Comment & Opinion: Transportation Infrastructure-it’s about bringing communities together

By Chris Tyerman

For most of us, when we hear infrastructure, we often think of mega projects such as Crossrail, HS2, Hinkley Point, or Heathrow’s third runway. That isn’t surprising, national projects are undeniably important as arteries for industry and powerhouses of growth.

Most transport infrastructure of course, isn’t national, or even regional in scope; it’s local, it’s what connects you to your family, your job, your shops and your local services. Ultimately, it’s about communities. While national transportation infrastructure keeps us connected with the world, local transportation infrastructure keeps us connected with our children, our grandparents, our doctors and our schools.

However, we mustn’t forget that transportation infrastructure is also about supporting people. Never has this been more obvious than during the COVID-19 pandemic. We may have taken for granted the roads that connect homes with hospitals and the bridges that connect communities, but who can deny the importance of keeping connected to those closest to us?

As this year progresses, we must remember that not only is local transportation infrastructure the foundation of our social ties, but it’s also at the heart of economic regeneration. Locally managed roads make up 98% of the UK’s network and are used in almost every journey from the daily commute to the school drop-off to the weekly shopping delivery. Equally, around 40% of the UK population live within the local area where they were born, which means that for many of us, our financial wellbeing depends wholly on the quality and reliability of our local transportation infrastructure.

Although they will never be as glamorous as the mega projects, a new bypass or junction improvements have a significant positive impact on local and regional economies, ensuring vital resources reach every corner of the nation, reliably and safely. Local transportation infrastructure investment supports local economies in many ways; there can be opportunities to engage local skilled workforces or provide apprentices with experience in complex projects and of course, they provide stimulus during construction and a long-term legacy for economic growth. From a commercial perspective, local transportation infrastructure projects are less resource intensive – especially in terms of bidding and design – provide tangible benefits quicker and are generally lower risk, with the benefit of a quicker turnaround. 

Ensuring sufficient investment in transportation infrastructure is vitally important for the country’s growth. That’s why we welcomed the Government’s National Infrastructure Strategy and its emphasis on levelling-up projects, including a new £4.8 billion ‘Levelling Up Fund’ that will invest in local transportation infrastructure in England.
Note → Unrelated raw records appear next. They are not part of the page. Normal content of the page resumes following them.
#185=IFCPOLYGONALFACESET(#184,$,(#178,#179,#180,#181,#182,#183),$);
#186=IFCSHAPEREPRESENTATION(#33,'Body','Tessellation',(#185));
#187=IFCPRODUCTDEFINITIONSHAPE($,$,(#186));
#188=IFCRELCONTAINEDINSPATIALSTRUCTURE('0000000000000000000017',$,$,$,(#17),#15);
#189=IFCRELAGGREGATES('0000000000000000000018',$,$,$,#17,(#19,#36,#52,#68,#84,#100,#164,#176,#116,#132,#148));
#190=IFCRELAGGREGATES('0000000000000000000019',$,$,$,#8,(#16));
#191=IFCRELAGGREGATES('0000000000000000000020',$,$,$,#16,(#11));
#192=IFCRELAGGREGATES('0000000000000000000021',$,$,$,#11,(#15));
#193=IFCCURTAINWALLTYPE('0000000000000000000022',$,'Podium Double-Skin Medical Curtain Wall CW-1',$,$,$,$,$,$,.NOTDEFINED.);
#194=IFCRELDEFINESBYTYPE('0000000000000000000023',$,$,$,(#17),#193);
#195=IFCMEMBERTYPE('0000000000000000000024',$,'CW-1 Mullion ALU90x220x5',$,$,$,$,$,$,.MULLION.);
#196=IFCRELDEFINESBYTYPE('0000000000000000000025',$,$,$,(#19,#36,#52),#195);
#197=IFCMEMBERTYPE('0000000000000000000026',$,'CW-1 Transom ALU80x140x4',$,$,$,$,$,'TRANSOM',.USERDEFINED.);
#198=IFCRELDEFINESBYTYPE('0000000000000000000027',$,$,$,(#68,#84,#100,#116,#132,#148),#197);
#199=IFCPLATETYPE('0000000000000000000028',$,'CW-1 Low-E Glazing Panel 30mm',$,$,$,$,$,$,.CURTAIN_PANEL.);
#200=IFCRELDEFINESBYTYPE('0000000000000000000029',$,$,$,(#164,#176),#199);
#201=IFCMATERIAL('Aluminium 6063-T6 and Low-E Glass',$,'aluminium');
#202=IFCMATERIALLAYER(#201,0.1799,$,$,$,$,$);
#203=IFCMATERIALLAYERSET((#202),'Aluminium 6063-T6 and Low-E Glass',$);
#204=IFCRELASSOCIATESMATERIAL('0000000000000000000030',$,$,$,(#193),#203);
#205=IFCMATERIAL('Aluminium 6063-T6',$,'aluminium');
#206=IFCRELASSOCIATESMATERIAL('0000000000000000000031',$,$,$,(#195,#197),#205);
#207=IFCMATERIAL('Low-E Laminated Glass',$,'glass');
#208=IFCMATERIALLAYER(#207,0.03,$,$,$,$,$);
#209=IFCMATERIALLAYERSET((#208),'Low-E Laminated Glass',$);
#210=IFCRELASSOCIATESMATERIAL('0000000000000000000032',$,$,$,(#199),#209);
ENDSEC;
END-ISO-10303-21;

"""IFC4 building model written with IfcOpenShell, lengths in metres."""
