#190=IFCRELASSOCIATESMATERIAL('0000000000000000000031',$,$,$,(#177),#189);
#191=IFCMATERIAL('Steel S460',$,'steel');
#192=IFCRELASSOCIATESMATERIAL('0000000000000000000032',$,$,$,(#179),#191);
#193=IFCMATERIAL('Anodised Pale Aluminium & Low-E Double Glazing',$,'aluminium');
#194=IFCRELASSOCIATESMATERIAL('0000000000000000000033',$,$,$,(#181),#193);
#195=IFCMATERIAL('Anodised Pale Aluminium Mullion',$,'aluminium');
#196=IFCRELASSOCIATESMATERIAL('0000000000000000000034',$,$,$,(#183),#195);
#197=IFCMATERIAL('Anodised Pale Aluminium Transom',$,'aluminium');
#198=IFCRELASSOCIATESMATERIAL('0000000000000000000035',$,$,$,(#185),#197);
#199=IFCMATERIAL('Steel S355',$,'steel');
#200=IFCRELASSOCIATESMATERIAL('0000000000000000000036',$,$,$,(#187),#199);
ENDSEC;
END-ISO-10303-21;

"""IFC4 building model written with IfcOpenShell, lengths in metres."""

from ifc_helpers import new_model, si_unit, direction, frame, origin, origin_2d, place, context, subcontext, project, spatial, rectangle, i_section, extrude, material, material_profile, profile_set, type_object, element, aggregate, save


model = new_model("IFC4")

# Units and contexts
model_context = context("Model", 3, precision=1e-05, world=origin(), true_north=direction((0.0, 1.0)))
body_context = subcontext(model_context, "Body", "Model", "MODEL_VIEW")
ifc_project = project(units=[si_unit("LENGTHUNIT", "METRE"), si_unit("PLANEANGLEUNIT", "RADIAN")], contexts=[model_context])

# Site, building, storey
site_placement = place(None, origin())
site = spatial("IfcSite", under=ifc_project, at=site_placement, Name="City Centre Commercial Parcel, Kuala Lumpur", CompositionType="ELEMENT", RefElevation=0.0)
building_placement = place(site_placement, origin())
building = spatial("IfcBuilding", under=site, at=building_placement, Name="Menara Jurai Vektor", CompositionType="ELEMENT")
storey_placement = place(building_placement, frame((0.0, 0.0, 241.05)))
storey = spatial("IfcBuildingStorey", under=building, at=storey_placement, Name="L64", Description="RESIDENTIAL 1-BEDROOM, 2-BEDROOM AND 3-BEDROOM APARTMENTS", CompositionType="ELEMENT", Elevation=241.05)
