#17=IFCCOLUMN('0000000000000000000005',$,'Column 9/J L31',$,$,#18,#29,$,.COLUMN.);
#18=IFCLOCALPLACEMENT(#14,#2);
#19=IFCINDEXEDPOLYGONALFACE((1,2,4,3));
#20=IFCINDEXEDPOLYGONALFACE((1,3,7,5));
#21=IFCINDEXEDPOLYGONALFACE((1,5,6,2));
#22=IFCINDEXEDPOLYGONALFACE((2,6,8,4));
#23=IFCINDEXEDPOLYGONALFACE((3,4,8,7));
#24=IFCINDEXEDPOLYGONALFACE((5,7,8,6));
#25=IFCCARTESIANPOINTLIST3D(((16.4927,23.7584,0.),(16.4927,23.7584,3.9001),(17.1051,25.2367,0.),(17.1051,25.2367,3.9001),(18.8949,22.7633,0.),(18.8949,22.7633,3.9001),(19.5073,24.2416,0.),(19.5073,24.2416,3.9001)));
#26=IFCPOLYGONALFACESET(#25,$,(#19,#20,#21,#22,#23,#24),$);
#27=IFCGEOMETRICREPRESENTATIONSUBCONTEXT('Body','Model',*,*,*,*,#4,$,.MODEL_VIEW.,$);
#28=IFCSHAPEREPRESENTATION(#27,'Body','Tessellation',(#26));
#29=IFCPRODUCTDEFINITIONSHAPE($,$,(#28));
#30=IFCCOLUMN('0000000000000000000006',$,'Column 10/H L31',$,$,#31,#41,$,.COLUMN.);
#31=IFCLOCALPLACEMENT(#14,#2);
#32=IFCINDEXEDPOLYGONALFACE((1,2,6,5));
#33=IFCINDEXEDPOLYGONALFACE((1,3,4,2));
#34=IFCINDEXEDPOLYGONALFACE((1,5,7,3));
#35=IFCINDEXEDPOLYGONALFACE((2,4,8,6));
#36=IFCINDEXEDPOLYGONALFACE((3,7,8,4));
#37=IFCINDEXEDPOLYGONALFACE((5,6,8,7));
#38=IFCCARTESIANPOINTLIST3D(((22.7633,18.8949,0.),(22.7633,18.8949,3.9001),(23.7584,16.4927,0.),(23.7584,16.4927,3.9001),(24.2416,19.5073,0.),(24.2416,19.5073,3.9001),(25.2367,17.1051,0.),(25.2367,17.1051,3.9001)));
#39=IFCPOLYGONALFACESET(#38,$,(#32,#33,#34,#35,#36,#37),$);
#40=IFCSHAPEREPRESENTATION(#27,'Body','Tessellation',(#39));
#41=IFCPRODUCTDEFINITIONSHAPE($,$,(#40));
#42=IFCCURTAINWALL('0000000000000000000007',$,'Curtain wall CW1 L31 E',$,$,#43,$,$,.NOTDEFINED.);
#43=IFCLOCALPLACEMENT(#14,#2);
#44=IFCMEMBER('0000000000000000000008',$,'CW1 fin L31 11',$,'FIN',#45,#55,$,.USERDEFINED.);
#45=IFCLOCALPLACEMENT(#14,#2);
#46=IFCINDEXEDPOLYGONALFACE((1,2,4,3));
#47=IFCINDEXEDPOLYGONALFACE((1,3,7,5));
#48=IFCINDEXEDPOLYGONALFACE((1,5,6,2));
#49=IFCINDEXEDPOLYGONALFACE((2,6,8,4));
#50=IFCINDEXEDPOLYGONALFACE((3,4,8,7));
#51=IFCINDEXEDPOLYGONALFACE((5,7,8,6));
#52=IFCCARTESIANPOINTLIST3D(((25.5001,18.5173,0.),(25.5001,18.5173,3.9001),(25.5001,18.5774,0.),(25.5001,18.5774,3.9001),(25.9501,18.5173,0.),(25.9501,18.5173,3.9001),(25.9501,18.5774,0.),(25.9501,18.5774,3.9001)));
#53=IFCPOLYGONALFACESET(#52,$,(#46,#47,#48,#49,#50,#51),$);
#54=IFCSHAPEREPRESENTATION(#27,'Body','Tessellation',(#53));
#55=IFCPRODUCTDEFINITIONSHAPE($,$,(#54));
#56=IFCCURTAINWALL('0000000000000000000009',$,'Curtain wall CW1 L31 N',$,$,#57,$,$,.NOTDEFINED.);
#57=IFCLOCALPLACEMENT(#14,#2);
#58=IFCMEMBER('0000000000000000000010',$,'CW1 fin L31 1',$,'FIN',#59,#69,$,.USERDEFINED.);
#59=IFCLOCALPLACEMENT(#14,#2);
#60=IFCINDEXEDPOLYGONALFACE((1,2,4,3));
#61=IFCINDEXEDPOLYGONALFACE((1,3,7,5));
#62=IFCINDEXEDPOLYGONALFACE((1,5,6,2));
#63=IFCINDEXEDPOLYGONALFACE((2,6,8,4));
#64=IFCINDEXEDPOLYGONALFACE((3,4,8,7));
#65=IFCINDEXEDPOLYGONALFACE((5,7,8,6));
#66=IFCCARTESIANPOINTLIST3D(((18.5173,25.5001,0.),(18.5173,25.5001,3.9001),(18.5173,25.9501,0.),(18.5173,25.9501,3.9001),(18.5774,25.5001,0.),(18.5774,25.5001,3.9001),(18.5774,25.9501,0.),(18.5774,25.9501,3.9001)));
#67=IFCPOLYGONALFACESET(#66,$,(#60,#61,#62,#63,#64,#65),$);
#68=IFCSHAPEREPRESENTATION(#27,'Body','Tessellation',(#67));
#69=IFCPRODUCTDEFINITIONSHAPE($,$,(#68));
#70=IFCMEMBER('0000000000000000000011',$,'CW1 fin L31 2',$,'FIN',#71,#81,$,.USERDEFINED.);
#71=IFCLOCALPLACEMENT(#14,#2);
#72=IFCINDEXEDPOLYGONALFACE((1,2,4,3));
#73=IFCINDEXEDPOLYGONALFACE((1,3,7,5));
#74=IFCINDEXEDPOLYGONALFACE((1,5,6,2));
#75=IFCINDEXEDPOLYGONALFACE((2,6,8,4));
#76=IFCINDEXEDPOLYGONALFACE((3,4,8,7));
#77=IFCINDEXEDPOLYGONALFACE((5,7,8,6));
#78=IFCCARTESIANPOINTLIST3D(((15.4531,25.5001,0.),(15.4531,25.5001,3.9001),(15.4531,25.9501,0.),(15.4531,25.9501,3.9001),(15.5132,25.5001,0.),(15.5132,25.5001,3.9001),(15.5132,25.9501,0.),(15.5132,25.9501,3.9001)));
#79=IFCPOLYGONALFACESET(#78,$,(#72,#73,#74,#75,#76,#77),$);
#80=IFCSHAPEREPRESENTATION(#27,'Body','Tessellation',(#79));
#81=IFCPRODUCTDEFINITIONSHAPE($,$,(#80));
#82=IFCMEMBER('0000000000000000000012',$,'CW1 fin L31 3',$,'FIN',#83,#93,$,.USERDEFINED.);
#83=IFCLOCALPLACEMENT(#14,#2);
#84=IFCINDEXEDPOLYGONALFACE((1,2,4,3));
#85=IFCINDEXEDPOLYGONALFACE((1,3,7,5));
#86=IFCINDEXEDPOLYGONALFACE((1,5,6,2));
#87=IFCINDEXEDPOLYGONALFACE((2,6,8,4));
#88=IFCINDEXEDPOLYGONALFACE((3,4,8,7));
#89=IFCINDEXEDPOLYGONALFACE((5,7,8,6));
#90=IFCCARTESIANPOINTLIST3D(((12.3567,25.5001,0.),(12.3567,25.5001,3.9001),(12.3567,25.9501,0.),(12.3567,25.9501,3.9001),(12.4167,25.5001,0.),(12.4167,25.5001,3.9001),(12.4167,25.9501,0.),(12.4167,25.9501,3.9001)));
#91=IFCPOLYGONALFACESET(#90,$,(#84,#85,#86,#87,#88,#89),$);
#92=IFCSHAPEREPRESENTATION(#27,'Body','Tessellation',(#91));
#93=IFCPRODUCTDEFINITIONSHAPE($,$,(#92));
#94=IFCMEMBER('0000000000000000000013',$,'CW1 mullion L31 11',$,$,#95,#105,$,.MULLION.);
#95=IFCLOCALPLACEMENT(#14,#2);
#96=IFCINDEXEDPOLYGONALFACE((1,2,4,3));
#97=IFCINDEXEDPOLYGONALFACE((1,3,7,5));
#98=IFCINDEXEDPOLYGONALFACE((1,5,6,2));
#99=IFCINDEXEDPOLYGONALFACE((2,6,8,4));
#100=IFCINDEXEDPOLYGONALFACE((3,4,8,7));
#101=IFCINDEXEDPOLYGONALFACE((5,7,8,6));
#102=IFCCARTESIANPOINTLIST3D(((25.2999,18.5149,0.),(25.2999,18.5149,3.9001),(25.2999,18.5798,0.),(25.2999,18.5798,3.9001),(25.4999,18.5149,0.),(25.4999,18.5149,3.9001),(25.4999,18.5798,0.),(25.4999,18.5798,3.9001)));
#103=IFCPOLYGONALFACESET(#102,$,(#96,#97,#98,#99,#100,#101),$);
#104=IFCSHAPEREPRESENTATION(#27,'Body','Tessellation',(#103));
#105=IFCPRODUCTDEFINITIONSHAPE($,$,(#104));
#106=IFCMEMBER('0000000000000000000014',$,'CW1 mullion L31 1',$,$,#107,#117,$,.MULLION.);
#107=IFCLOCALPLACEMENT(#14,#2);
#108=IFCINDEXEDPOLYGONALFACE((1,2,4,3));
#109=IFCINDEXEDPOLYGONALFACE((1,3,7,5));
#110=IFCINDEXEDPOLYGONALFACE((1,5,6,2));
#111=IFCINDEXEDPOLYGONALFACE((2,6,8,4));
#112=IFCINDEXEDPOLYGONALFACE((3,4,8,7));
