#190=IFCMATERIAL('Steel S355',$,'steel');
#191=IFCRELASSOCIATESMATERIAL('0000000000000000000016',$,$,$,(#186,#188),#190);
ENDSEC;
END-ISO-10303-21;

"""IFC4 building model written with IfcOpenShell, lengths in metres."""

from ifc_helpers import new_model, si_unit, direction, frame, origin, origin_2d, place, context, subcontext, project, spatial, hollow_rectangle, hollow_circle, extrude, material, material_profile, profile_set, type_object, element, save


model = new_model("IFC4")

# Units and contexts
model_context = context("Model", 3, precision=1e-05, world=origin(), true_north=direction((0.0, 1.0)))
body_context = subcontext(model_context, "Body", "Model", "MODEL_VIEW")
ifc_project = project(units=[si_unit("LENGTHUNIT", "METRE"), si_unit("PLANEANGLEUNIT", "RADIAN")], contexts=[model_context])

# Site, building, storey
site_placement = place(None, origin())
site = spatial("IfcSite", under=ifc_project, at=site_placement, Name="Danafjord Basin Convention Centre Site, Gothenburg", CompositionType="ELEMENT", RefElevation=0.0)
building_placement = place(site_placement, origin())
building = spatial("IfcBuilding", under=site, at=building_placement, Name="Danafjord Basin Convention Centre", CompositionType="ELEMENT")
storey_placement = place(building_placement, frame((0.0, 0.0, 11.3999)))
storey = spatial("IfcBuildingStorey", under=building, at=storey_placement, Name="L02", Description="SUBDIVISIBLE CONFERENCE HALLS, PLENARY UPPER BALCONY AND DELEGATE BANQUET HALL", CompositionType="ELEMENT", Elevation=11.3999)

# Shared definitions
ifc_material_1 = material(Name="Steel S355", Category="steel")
The Government’s promise to target investment “in the immediate-term …at smaller local schemes to upgrade existing infrastructure” should be seen as an opportunity for the industry to apply their knowledge and skillsets to previously under-resourced regions and areas of the country that have suffered historic under investment. In last year’s budget the Government announced that over the next five years £27 billion will be spent on motorways and other arterial roads, £2.5bn will be available to fix potholes and resurface roads in England and spending on flood defences will be doubled to £5.2bn.

The industry should also welcome the newly announced UK Infrastructure Bank headquartered in Leeds, the Bank (with £12 billion of equity and debt capital) will partner with the private sector and local government to increase infrastructure investment and promote economic growth across the country.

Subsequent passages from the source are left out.